====== Hints ======
===== Hint 1 =====
This is a hint to Jawad Bakhteiary (Bay Wheels, OSTA). A similar scheme can be used also in other projects.
Here is a skeleton of the code for producing OSTA distributions for your bike-sharing service for January
> wdir <- "/EDA/projects/Bakhteiary/P2"
> setwd(wdir)
>
> halfHours <- function(DT){ t <- unlist(strsplit(strsplit(DT," ")[[1]][2],":"))
+ return(1+2*as.integer(t[1])+(as.integer(t[2])>29)) }
> T <- read.csv("201901-fordgobike-tripdata.csv",header=TRUE,sep=",")
> # dim(T)
> # names(T)
> # T[1:3,]
> # table(T$user_type)
> # for(i in 1:10) cat(i,T$start_time[i],halfHours(T$start_time[i]),"\n")
> S <- as.vector(sapply(T$start_time,halfHours))

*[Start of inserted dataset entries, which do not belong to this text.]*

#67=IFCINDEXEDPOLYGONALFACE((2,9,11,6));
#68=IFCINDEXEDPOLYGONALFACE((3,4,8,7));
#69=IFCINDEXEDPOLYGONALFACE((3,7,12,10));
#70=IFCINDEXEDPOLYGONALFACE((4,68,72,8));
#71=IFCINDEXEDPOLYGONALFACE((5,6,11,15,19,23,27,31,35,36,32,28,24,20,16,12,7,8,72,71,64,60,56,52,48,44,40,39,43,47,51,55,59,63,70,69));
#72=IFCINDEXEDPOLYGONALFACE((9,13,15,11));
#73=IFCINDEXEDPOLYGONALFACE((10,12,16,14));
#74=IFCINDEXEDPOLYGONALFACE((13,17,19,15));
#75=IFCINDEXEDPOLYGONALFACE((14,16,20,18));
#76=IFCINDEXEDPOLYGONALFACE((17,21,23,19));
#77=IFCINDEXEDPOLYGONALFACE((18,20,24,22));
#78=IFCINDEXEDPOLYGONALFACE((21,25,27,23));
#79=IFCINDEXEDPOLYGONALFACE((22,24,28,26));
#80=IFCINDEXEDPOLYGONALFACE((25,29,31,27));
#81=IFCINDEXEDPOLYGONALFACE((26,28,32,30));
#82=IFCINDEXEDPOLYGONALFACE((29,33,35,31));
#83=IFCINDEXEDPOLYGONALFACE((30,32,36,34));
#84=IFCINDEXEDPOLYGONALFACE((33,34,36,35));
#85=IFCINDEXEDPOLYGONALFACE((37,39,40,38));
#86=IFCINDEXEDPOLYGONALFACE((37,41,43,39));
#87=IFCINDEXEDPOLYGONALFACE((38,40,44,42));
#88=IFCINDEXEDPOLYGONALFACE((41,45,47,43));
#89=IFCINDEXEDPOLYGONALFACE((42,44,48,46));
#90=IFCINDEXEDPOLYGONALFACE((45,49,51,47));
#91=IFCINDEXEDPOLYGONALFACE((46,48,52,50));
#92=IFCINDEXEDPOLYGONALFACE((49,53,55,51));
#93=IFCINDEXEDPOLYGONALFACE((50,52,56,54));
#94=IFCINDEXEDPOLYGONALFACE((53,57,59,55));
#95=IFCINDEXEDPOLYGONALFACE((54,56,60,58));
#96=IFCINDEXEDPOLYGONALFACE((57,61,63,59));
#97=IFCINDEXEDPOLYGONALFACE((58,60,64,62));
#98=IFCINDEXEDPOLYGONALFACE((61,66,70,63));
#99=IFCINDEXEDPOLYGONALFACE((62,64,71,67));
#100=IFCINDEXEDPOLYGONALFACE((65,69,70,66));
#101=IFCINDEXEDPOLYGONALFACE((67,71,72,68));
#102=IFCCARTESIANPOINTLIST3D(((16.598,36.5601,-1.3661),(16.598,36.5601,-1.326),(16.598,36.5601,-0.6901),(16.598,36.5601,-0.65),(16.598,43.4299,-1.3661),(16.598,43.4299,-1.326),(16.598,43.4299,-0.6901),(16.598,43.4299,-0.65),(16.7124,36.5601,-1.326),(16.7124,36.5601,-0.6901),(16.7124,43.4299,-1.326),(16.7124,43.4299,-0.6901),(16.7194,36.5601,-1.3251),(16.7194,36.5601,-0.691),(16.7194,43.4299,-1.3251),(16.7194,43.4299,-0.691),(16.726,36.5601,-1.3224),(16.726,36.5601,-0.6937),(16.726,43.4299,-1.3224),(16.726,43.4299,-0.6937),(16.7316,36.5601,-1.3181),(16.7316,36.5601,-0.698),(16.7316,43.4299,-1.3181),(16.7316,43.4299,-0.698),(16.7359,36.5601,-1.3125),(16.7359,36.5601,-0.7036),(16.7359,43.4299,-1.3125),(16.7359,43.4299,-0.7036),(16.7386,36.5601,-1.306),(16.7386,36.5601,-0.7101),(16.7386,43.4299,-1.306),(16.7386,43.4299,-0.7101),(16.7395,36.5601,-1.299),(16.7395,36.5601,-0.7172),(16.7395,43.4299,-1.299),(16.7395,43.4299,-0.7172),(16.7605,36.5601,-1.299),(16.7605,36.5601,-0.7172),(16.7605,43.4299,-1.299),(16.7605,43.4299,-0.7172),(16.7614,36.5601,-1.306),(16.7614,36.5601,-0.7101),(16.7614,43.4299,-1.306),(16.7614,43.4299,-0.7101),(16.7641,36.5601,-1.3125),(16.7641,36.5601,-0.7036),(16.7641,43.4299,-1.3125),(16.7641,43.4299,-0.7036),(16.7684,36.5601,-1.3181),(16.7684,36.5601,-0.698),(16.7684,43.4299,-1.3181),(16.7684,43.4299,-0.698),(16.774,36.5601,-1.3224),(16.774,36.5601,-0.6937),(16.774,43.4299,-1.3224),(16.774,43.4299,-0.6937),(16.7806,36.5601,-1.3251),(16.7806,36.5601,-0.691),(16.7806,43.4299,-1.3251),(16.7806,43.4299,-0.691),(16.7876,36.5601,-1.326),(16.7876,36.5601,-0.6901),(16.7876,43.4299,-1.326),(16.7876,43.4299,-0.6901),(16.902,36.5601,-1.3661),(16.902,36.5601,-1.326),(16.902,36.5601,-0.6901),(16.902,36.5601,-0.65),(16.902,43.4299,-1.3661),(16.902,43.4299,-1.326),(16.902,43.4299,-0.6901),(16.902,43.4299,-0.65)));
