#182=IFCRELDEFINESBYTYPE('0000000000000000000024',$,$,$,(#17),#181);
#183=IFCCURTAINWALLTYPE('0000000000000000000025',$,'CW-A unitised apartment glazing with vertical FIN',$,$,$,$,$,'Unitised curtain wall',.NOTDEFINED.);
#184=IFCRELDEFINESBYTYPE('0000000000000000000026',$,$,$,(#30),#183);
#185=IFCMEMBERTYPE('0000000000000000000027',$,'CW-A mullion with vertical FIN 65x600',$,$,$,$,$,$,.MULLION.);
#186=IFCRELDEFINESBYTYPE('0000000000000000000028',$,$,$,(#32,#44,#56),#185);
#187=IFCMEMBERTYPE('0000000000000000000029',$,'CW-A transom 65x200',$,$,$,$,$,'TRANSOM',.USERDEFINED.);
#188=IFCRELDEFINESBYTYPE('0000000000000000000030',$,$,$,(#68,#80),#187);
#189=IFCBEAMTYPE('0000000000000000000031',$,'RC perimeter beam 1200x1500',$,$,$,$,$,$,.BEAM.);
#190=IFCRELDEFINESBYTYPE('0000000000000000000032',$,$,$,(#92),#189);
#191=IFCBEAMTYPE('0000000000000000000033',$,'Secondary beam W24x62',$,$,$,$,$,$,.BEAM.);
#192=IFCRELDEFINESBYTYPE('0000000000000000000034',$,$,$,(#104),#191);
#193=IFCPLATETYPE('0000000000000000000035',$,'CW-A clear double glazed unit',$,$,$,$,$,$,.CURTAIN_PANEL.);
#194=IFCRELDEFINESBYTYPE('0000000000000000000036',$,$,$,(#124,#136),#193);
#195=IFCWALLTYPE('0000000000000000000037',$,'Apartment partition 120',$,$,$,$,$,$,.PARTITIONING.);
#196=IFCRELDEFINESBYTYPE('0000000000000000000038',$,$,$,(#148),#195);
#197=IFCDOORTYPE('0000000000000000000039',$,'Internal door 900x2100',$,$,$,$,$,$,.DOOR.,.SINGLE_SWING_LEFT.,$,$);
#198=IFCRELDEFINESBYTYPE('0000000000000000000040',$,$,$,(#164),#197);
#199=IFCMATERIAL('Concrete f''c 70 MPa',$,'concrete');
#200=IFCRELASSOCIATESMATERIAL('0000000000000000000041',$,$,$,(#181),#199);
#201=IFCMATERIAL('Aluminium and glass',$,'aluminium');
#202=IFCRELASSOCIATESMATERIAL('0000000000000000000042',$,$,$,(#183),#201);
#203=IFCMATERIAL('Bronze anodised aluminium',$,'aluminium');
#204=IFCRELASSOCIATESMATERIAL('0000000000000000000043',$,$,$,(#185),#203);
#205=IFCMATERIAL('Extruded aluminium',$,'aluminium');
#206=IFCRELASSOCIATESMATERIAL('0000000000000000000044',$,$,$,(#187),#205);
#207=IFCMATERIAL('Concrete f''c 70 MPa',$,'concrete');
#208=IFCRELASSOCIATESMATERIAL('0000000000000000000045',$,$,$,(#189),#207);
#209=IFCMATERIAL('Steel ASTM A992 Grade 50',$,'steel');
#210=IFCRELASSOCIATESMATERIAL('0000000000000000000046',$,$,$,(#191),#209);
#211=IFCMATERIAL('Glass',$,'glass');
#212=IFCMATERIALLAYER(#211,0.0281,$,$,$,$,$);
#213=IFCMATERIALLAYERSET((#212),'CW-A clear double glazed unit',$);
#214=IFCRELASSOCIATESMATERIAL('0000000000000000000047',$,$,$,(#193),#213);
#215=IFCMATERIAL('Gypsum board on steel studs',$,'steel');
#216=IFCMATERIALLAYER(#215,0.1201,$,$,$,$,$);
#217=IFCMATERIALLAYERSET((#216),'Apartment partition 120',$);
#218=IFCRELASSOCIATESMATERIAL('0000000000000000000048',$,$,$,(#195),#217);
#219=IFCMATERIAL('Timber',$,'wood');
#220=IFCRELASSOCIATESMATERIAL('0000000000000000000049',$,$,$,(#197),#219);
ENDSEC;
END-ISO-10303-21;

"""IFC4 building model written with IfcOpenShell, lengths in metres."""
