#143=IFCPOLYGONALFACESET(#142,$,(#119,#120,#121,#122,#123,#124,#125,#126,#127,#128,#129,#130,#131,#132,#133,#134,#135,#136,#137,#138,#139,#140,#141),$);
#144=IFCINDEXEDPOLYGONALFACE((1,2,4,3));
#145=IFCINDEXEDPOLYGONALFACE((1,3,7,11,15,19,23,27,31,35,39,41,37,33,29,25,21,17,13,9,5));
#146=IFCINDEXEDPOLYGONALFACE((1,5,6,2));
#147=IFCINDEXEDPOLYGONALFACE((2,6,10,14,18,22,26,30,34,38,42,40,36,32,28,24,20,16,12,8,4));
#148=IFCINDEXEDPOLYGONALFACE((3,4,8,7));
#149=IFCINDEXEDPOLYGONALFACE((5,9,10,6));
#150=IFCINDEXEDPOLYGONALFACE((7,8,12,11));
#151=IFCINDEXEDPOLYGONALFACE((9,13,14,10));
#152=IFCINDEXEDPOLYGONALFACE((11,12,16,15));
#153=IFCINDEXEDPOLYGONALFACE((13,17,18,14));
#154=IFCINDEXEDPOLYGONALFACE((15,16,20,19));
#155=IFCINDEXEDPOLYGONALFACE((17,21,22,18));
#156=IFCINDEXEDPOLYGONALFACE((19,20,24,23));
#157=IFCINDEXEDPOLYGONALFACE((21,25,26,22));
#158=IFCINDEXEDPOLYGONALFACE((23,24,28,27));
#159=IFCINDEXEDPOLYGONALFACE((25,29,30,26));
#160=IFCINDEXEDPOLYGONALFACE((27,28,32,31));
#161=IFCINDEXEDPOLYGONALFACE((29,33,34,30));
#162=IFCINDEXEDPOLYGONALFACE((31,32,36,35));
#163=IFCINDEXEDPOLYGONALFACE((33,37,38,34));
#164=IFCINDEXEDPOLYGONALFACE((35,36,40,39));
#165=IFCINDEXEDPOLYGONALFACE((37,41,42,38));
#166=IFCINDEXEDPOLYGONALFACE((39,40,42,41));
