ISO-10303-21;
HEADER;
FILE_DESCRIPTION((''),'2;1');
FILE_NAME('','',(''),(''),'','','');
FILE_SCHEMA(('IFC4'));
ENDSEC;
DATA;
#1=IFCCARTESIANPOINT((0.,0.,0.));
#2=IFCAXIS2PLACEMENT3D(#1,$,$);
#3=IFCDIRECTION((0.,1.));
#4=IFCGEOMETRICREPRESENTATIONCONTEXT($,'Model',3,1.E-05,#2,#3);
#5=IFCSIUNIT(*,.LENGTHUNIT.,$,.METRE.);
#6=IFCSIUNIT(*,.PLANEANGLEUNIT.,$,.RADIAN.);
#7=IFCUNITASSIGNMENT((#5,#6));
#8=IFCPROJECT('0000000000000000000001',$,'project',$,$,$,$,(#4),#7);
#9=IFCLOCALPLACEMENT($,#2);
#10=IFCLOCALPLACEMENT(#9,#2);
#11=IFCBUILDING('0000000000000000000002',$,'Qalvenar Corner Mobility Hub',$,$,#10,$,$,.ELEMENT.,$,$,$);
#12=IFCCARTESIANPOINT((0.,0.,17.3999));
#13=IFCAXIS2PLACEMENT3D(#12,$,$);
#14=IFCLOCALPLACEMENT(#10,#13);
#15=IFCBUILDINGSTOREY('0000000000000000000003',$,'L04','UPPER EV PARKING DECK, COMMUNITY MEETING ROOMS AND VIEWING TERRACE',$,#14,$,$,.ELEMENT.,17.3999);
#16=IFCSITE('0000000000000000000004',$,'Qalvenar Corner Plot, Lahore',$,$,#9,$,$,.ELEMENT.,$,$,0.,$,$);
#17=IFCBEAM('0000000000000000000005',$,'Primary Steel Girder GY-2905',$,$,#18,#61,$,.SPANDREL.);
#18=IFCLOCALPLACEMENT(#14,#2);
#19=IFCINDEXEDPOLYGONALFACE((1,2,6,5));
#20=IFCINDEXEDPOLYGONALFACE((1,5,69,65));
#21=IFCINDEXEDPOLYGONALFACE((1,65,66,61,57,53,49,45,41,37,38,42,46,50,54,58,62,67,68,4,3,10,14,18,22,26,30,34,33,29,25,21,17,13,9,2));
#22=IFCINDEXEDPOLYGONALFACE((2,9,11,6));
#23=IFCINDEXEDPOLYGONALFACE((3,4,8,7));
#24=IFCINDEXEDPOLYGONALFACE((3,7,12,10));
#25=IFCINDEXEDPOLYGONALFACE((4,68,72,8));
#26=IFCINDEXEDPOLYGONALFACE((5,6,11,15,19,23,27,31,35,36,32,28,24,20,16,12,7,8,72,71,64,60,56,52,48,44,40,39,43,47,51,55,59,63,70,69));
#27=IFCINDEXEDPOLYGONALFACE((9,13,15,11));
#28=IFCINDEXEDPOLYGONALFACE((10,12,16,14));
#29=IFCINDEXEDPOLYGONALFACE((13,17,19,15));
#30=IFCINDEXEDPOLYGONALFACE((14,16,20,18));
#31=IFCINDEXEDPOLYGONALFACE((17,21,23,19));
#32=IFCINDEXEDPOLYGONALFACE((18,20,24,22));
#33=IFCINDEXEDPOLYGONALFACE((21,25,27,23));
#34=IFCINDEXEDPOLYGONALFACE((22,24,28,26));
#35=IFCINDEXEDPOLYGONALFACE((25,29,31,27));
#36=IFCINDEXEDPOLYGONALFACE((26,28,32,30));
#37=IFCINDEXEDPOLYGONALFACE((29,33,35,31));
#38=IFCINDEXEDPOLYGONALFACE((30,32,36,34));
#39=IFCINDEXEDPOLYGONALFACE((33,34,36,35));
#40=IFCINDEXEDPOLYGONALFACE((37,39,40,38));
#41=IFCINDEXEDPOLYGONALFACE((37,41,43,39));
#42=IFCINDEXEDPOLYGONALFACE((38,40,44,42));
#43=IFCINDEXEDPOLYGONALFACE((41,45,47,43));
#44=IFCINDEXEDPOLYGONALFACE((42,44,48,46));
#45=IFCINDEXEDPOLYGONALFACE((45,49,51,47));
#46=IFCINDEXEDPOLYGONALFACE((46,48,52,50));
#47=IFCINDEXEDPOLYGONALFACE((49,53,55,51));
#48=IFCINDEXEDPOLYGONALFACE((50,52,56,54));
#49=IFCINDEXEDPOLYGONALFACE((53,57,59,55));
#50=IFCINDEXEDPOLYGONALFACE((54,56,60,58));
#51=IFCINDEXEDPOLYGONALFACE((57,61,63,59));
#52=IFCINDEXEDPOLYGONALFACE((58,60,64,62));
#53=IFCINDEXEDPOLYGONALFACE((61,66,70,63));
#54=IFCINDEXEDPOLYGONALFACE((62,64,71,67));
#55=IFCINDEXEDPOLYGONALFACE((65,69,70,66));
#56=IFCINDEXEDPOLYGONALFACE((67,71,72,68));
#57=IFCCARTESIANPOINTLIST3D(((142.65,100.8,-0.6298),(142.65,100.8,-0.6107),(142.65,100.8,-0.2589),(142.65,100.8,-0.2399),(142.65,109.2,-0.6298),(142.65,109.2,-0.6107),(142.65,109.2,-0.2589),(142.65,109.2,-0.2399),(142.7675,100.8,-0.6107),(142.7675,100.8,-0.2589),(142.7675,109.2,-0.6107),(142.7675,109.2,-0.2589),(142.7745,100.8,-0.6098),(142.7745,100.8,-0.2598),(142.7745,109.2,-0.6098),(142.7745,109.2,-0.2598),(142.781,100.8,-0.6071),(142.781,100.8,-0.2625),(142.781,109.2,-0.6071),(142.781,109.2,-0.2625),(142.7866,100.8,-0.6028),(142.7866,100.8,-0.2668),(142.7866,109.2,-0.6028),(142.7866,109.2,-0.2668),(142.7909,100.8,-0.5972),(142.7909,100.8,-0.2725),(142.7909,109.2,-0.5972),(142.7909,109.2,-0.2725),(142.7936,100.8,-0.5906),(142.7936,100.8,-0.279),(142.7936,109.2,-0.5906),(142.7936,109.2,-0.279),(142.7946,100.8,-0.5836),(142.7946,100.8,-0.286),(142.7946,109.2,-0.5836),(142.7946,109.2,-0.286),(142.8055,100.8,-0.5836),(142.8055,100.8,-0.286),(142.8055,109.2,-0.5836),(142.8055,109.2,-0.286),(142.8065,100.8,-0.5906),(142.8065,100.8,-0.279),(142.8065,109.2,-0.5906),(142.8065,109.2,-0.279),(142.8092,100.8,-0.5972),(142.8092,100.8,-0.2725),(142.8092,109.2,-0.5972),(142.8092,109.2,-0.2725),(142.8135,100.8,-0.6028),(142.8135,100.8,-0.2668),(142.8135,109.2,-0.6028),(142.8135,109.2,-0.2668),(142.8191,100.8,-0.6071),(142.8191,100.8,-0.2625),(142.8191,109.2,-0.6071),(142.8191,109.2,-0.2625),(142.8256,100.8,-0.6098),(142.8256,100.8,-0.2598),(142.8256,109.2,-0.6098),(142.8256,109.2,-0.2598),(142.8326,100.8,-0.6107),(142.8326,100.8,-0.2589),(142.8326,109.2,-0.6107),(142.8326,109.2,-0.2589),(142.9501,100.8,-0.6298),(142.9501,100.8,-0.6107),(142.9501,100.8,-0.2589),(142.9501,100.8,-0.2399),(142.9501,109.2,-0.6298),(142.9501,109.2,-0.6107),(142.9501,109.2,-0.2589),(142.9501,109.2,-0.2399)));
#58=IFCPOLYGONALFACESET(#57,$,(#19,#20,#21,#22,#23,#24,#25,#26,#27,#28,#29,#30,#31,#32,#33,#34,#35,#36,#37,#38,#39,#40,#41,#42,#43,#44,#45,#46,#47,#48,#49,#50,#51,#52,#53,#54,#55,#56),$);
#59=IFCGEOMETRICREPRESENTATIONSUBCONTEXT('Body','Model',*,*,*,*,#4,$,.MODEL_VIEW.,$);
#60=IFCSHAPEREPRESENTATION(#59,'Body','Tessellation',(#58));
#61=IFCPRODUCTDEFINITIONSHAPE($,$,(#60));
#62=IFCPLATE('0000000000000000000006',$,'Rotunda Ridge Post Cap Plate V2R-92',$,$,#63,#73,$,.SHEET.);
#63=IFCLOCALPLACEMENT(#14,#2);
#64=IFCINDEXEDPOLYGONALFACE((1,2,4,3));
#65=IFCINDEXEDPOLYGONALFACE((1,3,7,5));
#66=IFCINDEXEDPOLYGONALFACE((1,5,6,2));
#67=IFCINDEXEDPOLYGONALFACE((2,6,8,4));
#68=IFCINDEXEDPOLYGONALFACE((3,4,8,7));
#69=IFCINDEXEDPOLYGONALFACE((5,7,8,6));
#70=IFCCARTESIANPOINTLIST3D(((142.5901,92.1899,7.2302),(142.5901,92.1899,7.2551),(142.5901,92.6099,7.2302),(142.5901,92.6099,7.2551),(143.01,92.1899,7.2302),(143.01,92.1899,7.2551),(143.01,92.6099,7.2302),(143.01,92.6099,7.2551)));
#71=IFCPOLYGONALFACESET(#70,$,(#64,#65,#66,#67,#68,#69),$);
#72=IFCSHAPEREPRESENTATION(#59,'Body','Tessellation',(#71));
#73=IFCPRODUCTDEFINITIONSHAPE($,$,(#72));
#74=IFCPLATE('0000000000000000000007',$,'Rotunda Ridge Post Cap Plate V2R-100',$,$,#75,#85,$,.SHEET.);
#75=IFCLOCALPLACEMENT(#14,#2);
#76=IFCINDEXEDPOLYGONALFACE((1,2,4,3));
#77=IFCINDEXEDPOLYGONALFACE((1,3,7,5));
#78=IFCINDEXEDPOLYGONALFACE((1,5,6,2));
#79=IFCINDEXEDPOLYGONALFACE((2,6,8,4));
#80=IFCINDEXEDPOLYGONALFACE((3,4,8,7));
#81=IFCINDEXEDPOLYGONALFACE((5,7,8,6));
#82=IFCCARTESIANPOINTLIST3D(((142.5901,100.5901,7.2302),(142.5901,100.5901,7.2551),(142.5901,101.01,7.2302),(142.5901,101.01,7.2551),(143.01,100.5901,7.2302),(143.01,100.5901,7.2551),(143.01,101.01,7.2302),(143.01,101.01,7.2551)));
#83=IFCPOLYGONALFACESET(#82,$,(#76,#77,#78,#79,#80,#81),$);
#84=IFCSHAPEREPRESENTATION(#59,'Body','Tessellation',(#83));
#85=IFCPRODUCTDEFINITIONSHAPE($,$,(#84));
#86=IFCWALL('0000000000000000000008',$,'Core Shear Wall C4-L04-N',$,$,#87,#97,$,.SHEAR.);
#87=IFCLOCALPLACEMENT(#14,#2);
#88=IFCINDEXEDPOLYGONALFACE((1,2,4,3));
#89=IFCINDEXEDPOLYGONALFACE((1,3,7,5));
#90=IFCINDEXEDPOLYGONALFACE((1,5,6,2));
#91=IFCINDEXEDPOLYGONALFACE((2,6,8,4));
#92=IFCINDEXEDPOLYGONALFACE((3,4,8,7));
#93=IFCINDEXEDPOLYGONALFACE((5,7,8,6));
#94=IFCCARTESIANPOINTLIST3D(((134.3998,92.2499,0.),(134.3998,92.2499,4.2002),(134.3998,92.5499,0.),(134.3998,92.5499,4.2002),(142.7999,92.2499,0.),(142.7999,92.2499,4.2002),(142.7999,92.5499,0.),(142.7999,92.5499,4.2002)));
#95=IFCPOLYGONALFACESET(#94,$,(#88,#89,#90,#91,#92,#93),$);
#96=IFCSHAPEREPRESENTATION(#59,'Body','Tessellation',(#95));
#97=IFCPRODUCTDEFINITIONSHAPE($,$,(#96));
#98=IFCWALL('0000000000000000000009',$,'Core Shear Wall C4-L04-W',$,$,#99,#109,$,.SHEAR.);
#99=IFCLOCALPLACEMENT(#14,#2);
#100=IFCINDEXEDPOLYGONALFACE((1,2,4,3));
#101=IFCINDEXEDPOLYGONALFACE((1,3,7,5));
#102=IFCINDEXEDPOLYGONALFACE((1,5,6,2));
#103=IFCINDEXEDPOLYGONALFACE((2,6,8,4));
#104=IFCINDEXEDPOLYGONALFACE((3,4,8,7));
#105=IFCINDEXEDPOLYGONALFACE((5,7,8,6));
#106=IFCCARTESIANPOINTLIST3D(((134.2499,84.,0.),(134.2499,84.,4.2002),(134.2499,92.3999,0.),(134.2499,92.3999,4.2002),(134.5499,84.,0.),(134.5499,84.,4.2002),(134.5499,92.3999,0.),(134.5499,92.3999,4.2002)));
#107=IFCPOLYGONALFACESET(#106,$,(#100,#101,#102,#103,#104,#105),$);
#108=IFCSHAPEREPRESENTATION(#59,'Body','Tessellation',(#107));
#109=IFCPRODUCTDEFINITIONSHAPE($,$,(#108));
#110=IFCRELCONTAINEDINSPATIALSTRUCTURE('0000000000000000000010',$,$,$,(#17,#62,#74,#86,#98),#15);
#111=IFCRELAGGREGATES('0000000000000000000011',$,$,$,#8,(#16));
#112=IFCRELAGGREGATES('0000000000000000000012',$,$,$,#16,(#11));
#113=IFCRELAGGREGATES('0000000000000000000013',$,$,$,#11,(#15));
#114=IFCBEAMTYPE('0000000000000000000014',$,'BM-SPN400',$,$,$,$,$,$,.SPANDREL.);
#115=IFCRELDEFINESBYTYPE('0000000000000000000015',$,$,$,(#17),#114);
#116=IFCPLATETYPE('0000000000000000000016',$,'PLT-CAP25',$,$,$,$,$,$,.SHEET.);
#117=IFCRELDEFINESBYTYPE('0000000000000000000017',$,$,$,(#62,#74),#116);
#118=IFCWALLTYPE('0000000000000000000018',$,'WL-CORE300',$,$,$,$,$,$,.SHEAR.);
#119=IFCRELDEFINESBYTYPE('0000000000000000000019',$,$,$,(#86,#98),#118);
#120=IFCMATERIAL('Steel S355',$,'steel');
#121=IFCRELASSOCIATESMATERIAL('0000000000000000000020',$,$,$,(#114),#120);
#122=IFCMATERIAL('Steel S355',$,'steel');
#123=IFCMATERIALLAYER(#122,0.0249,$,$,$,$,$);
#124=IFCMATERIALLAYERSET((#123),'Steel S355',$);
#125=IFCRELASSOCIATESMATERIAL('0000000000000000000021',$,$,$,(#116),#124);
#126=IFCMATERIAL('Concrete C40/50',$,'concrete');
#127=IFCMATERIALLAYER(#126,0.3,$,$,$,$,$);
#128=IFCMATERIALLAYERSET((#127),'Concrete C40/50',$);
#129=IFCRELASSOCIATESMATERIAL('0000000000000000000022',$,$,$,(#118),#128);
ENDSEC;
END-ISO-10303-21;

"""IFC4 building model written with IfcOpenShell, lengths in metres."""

from ifc_helpers import new_model, si_unit, direction, frame, frame_2d, origin, origin_2d, place, context, subcontext, project, spatial, rectangle, i_section, extrude, material, layer, layer_set, material_profile, profile_set, type_object, element, save


model = new_model("IFC4")

# Units and contexts
model_context = context("Model", 3, precision=1e-05, world=origin(), true_north=direction((0.0, 1.0)))
body_context = subcontext(model_context, "Body", "Model", "MODEL_VIEW")
ifc_project = project(units=[si_unit("LENGTHUNIT", "METRE"), si_unit("PLANEANGLEUNIT", "RADIAN")], contexts=[model_context])

# Site, building, storey
site_placement = place(None, origin())
site = spatial("IfcSite", under=ifc_project, at=site_placement, Name="Qalvenar Corner Plot, Lahore", CompositionType="ELEMENT", RefElevation=0.0)
building_placement = place(site_placement, origin())
building = spatial("IfcBuilding", under=site, at=building_placement, Name="Qalvenar Corner Mobility Hub", CompositionType="ELEMENT")
storey_placement = place(building_placement, frame((0.0, 0.0, 17.3999)))
storey = spatial("IfcBuildingStorey", under=building, at=storey_placement, Name="L04", Description="UPPER EV PARKING DECK, COMMUNITY MEETING ROOMS AND VIEWING TERRACE", CompositionType="ELEMENT", Elevation=17.3999)

# Shared definitions
ifc_material_1 = material(Name="Steel S355", Category="steel")

# Beam
ifc_material_profile_1 = material_profile(ifc_material_1, i_section(OverallWidth=0.3, OverallDepth=0.3899, WebThickness=0.011, FlangeThickness=0.019, FilletRadius=0.0271, at=origin_2d()), Name="HEA400")
ifc_profile_set_1 = profile_set([ifc_material_profile_1], Name="Steel S355")
beam_type_1 = type_object("IfcBeamType", Name="BM-SPN400", PredefinedType="SPANDREL", material=ifc_profile_set_1)
beam_1_placement = place(storey_placement, frame((142.8, 100.8, -0.4348), z_axis=(0.0, 1.0, 0.0), x_axis=(-1.0, 0.0, 0.0)))
element("IfcBeam", 1, at=beam_1_placement, inside=storey, type_object=beam_type_1, Name="Primary Steel Girder GY-2905", PredefinedType="SPANDREL", context=body_context, shape_type="SweptSolid", body=[
    extrude(i_section(OverallWidth=0.3, OverallDepth=0.3899, WebThickness=0.011, FlangeThickness=0.019, FilletRadius=0.0271, at=origin_2d()), origin(), (0.0, 0.0, 1.0), 8.3999),
])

> U <- T$user_type=="Customer"
> D <- as.integer(T$start_station_id)
> D[is.na(D)] <- 400
> F <- matrix(0,nrow=400,ncol=96)
> for(i in 1:nrow(T)) {st <- D[i]; hu <- 48*U[i]+S[i]; F[st,hu] <- F[st,hu]+1}
> R <- rowSums(F)
> which(R==max(R))
[1] 58
> col <- c(rep("red",48),rep("blue",48))
> plot(1:96,F[58,],type="h",lwd=4,col=col,main="Station 58 subscribers/customers departures")
> plot(1:48,F[58,49:96],type="h",lwd=4,col=rep("blue",48),main="Station 58 customers departures")
I assembled all OSTA distributions in the matrix F - rows = stations, columns = halfhours / 1:48 for subscribers, 49:96 for customers.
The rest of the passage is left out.